I quickly found that jpg compression creates a wide range of in-between colors, even from a very contrasty source. E.g.
JPG: 438 intensities for 764928 values.
BMP: 51 intensities for 764928 values.
Even the bitmap flavor had what was probably antialiasing. Good? Bad? Well, it can be manipulated.
Here's a crazy one. Using the RGB values from Super Mario Bros in jpg form, a Horizon screen can be almost exactly reproduced. Honestly I'm 50% that I miscoded something, though I should say the algo used the reddish ground that was chopped from the screenshot. But if I take that bafflingly large SMB color space and remove all values that aren't highly represented
, mapping Aloy to Mario produces the reduced color space you'd expect. Same code so... I guess it wasn't buggy.
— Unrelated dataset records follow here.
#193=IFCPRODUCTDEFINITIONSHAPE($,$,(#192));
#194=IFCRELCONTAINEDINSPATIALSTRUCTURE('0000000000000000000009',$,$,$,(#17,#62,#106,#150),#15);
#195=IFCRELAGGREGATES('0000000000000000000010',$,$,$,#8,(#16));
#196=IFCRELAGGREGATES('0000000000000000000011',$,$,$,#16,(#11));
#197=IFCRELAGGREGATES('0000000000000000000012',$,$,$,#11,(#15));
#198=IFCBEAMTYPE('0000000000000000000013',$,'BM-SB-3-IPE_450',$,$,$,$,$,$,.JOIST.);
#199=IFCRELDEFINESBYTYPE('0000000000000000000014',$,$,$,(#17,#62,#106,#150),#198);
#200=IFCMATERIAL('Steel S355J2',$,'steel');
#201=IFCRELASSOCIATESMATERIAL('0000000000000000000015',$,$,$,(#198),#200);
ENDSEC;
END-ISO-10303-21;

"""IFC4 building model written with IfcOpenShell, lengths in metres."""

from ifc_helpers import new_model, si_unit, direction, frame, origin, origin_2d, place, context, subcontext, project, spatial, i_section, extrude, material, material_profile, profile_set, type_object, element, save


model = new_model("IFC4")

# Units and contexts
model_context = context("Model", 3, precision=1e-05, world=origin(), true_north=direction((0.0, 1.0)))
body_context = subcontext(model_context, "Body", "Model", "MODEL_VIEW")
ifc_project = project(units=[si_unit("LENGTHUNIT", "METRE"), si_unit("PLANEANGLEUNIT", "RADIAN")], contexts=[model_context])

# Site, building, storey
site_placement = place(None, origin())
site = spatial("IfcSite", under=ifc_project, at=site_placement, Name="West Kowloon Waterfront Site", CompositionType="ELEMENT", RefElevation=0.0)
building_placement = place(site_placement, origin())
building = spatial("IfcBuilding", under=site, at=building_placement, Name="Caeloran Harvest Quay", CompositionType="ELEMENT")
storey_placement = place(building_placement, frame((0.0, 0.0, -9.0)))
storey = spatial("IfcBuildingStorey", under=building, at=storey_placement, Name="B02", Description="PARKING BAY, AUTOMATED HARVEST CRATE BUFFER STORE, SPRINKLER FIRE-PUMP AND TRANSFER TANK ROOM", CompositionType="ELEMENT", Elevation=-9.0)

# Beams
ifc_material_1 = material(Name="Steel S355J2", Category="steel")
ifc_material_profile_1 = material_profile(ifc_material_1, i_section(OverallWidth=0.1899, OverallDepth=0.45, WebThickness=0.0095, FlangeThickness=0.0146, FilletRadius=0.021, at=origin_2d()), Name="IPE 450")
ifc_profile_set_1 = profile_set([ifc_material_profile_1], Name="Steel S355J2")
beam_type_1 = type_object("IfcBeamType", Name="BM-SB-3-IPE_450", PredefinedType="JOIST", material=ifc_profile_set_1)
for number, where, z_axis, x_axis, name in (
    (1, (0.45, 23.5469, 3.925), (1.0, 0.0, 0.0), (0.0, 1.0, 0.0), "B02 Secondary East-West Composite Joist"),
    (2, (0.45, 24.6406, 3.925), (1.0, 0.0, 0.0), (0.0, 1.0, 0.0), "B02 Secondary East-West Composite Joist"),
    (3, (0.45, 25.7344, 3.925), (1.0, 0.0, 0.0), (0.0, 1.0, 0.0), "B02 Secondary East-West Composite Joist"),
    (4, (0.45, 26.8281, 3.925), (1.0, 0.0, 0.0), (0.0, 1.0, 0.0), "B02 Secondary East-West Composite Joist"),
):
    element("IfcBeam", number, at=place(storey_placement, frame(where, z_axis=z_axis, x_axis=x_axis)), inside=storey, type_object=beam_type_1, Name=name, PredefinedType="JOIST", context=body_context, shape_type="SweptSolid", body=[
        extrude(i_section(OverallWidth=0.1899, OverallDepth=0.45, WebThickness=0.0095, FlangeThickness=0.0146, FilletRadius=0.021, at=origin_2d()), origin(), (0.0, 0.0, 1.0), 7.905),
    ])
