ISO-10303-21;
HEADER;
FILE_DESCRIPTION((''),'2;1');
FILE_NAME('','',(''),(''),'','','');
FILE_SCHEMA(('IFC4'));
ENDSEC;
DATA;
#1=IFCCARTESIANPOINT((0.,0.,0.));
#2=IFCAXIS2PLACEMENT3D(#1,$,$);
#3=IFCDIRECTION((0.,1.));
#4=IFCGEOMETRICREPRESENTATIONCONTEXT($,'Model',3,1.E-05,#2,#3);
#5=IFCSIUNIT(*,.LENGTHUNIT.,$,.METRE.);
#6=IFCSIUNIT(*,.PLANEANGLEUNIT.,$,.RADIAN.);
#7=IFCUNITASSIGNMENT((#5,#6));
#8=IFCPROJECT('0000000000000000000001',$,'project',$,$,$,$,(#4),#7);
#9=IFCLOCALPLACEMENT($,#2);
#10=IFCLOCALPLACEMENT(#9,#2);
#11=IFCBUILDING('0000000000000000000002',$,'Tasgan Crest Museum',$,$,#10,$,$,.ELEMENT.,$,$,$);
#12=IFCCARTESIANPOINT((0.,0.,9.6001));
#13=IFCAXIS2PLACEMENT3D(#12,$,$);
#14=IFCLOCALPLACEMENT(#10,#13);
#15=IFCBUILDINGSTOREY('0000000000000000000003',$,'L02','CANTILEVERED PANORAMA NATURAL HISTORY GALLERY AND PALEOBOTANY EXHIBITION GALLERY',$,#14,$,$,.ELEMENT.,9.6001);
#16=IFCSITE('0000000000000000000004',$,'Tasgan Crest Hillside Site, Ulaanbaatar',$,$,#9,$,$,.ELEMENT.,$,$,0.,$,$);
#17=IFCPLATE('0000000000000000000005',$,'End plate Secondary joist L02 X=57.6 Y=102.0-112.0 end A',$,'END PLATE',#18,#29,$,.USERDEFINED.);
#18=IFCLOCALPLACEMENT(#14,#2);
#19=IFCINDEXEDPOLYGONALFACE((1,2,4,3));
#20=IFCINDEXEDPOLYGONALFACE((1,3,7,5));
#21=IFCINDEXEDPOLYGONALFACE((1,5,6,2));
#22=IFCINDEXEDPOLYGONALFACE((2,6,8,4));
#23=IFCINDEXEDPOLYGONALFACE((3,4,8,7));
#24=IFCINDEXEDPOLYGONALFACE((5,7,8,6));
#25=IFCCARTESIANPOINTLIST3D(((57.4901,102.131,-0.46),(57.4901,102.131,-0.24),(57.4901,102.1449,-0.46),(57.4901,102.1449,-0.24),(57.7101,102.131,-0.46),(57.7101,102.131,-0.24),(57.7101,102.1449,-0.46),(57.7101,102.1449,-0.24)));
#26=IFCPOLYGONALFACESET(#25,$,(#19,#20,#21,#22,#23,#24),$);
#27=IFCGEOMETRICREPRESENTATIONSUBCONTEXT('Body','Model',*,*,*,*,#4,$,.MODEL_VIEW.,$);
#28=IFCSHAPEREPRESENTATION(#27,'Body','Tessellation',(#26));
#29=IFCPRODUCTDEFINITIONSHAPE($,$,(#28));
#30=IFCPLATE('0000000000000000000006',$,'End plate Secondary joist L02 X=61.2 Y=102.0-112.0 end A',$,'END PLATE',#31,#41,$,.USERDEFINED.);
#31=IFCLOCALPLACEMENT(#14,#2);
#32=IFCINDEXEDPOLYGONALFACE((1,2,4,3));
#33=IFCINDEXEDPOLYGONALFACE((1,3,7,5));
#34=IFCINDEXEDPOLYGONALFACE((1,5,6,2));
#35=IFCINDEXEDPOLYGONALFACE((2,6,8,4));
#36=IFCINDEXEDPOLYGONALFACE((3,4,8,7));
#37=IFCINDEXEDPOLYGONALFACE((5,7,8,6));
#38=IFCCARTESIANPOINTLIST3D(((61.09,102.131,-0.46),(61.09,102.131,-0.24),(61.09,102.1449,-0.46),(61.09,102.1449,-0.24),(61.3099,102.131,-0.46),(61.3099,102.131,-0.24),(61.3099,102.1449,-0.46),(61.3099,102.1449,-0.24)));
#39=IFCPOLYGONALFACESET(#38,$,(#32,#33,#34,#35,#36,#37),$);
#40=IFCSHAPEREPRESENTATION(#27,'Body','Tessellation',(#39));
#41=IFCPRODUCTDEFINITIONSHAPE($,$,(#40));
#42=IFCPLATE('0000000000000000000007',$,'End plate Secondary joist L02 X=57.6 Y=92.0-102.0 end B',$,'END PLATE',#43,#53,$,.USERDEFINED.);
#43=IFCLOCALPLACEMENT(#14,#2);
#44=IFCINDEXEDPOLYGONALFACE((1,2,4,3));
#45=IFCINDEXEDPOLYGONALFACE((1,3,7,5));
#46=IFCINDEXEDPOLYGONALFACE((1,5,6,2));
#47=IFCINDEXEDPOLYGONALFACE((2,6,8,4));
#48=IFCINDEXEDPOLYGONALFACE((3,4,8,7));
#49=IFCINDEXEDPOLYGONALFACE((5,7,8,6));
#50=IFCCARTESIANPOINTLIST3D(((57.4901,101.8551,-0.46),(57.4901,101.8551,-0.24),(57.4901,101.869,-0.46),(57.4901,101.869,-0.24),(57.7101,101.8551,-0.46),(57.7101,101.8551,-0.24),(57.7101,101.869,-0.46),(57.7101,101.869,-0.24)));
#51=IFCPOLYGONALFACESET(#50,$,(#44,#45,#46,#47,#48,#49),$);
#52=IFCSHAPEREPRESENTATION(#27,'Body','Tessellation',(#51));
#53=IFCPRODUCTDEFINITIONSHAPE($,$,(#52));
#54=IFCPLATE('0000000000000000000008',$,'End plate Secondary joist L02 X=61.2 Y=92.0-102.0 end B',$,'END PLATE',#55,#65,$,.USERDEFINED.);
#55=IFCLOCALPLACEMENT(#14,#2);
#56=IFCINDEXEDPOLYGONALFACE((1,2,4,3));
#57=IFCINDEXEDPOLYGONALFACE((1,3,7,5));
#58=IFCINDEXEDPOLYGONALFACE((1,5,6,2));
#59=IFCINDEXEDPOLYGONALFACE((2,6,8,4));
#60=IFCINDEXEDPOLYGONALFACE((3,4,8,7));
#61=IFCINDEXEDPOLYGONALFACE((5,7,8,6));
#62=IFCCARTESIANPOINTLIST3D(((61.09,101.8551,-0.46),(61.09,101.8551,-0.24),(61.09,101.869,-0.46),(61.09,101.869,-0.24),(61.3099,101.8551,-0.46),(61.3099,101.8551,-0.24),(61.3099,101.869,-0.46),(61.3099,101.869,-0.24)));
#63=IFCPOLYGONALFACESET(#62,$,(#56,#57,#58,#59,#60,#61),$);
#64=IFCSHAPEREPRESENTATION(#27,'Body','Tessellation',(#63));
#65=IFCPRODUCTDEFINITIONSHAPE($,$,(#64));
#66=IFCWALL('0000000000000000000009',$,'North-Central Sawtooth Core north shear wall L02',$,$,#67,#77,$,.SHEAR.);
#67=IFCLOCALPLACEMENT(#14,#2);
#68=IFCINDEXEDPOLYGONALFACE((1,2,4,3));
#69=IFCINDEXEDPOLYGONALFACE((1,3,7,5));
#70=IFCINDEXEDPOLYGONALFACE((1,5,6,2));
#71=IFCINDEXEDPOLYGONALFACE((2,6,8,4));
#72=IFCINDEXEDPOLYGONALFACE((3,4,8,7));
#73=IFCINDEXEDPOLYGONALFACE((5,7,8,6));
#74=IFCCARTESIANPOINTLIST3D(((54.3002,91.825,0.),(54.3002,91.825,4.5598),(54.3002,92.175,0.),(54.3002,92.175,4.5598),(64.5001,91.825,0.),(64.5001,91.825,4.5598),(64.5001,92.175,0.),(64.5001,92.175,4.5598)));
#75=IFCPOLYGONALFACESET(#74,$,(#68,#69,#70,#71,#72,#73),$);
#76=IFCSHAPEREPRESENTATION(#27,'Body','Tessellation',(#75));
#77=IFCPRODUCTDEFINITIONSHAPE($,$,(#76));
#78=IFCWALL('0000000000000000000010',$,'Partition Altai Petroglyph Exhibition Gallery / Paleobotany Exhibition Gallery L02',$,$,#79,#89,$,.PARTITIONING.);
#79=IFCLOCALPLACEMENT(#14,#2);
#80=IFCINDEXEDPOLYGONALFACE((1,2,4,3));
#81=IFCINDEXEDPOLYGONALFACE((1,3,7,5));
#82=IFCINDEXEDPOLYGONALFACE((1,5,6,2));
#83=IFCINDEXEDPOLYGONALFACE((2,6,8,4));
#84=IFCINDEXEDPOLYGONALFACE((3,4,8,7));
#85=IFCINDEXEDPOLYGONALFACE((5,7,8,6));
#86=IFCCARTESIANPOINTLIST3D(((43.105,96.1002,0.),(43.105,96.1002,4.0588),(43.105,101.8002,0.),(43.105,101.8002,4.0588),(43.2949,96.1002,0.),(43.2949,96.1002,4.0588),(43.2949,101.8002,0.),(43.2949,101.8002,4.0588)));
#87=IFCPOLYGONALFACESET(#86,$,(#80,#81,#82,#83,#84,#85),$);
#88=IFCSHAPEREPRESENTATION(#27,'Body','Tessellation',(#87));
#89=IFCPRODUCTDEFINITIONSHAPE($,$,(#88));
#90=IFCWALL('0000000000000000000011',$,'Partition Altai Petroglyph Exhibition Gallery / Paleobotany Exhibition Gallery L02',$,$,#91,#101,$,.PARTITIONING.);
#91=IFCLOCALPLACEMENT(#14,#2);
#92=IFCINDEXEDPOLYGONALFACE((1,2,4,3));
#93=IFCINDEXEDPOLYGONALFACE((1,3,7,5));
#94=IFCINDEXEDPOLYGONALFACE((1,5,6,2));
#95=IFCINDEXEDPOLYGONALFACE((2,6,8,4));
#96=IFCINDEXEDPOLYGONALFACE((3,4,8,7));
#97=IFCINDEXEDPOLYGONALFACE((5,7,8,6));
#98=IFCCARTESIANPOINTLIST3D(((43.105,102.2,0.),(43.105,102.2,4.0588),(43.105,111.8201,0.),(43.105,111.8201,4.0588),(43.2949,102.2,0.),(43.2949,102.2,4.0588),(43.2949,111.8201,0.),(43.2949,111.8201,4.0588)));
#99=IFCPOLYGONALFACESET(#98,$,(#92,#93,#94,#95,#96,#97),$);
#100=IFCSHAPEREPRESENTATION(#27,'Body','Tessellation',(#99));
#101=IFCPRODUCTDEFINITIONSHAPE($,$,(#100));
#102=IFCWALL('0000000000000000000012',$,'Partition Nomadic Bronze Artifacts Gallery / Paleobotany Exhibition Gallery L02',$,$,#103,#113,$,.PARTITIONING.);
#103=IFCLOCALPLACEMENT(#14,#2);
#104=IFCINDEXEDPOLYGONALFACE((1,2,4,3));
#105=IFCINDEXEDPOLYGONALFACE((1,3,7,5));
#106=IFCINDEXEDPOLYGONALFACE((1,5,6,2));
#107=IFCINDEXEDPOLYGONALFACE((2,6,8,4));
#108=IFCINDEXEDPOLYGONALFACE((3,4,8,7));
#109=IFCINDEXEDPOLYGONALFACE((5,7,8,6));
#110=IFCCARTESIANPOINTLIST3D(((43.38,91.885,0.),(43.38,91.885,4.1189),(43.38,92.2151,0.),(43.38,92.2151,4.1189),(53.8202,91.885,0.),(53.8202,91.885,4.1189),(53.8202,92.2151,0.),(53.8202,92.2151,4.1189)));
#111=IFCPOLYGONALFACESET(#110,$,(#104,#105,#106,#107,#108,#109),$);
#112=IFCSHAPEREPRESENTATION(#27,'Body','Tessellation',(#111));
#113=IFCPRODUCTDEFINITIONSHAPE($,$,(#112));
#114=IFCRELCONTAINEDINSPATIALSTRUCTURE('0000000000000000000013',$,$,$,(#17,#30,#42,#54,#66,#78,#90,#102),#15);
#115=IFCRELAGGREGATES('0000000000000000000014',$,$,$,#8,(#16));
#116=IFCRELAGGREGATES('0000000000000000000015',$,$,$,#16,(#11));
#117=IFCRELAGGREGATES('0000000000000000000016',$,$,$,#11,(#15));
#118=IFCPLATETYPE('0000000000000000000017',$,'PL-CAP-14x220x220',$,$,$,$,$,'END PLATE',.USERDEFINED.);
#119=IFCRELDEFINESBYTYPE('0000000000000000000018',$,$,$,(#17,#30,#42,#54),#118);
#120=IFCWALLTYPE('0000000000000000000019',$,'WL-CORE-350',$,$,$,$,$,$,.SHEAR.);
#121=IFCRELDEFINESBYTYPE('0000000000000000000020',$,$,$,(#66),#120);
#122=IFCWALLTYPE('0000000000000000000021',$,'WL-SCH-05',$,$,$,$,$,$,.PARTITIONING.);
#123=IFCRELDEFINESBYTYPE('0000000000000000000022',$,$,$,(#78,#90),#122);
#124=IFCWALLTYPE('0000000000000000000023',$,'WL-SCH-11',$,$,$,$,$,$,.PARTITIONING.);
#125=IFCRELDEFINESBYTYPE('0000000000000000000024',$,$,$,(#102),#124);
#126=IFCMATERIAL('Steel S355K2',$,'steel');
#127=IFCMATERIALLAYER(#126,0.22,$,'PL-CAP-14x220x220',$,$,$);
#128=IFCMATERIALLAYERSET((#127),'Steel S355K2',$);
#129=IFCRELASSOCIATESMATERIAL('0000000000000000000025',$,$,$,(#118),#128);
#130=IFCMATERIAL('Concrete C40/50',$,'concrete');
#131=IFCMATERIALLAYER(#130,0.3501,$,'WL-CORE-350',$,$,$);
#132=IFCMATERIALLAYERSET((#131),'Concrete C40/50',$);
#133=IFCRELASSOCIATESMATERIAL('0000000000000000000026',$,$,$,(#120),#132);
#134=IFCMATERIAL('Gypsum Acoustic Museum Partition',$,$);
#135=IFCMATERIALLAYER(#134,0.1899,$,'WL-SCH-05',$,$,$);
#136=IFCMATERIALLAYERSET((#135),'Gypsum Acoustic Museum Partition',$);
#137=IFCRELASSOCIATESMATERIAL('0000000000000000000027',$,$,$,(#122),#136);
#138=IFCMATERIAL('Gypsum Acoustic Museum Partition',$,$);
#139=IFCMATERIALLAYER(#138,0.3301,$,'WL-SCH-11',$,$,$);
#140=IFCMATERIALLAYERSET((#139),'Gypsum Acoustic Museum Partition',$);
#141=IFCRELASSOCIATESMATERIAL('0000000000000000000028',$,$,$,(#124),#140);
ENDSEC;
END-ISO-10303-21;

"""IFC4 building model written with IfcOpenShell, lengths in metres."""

from ifc_helpers import new_model, si_unit, direction, frame, frame_2d, origin, origin_2d, place, context, subcontext, project, spatial, rectangle, extrude, material, layer, layer_set, type_object, element, save


model = new_model("IFC4")

# Units and contexts
model_context = context("Model", 3, precision=1e-05, world=origin(), true_north=direction((0.0, 1.0)))
body_context = subcontext(model_context, "Body", "Model", "MODEL_VIEW")
ifc_project = project(units=[si_unit("LENGTHUNIT", "METRE"), si_unit("PLANEANGLEUNIT", "RADIAN")], contexts=[model_context])

# Site, building, storey
site_placement = place(None, origin())
site = spatial("IfcSite", under=ifc_project, at=site_placement, Name="Tasgan Crest Hillside Site, Ulaanbaatar", CompositionType="ELEMENT", RefElevation=0.0)
building_placement = place(site_placement, origin())
building = spatial("IfcBuilding", under=site, at=building_placement, Name="Tasgan Crest Museum", CompositionType="ELEMENT")
storey_placement = place(building_placement, frame((0.0, 0.0, 9.6001)))
storey = spatial("IfcBuildingStorey", under=building, at=storey_placement, Name="L02", Description="CANTILEVERED PANORAMA NATURAL HISTORY GALLERY AND PALEOBOTANY EXHIBITION GALLERY", CompositionType="ELEMENT", Elevation=9.6001)

# Plates
ifc_material_1 = material(Name="Steel S355K2", Category="steel")
ifc_layer_1 = layer(ifc_material_1, 0.22, Name="PL-CAP-14x220x220")
ifc_layer_set_1 = layer_set([ifc_layer_1], Name="Steel S355K2")
plate_type = type_object("IfcPlateType", Name="PL-CAP-14x220x220", ElementType="END PLATE", PredefinedType="USERDEFINED", material=ifc_layer_set_1)
for number, where, z_axis, x_axis, name in (
    (1, (57.6001, 102.1379, -0.46), (0.0, 0.0, 1.0), (0.0, 1.0, 0.0), "End plate Secondary joist L02 X=57.6 Y=102.0-112.0 end A"),
    (2, (61.2, 102.1379, -0.46), (0.0, 0.0, 1.0), (0.0, 1.0, 0.0), "End plate Secondary joist L02 X=61.2 Y=102.0-112.0 end A"),
    (3, (57.6001, 101.8621, -0.46), (0.0, 0.0, 1.0), (0.0, 1.0, 0.0), "End plate Secondary joist L02 X=57.6 Y=92.0-102.0 end B"),
    (4, (61.2, 101.8621, -0.46), (0.0, 0.0, 1.0), (0.0, 1.0, 0.0), "End plate Secondary joist L02 X=61.2 Y=92.0-102.0 end B"),
):
    element("IfcPlate", number, at=place(storey_placement, frame(where, z_axis=z_axis, x_axis=x_axis)), inside=storey, type_object=plate_type, Name=name, ObjectType="END PLATE", PredefinedType="USERDEFINED", context=body_context, shape_type="SweptSolid", body=[
        extrude(rectangle(XDim=0.0139, YDim=0.22, at=origin_2d()), origin(), (0.0, 0.0, 1.0), 0.22),
    ])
Okay, what about less artsy tone maps?
I hit go on a few photos, mapping a->b and b->a. Toning changes can be ever so slight since the color palettes are large.
Taking a step back, my approach was to match an input color to one that has an identical intensity, choosing the closest actual value if possible. This could result in a lot of identical input/output, and some oddballs where you're forced to a very different color because that exact intensity isn't represented. The algorithm could be softened up.
But what about shifting gears and instead of primarily matching intensity we primarily match hue
? You could have lights replacing darks but the colors will be as close to the original as possible.
Again, jpg minimizes any transformative effect until we start pruning the outliers. When you do, you see a bush pop up in Vale's knee pucks, Laguna Seca runoff matching [?] boxes, and Red Bull being recreated with the sky.
The experiment was fun, even if it's a bit of a rabbit hole.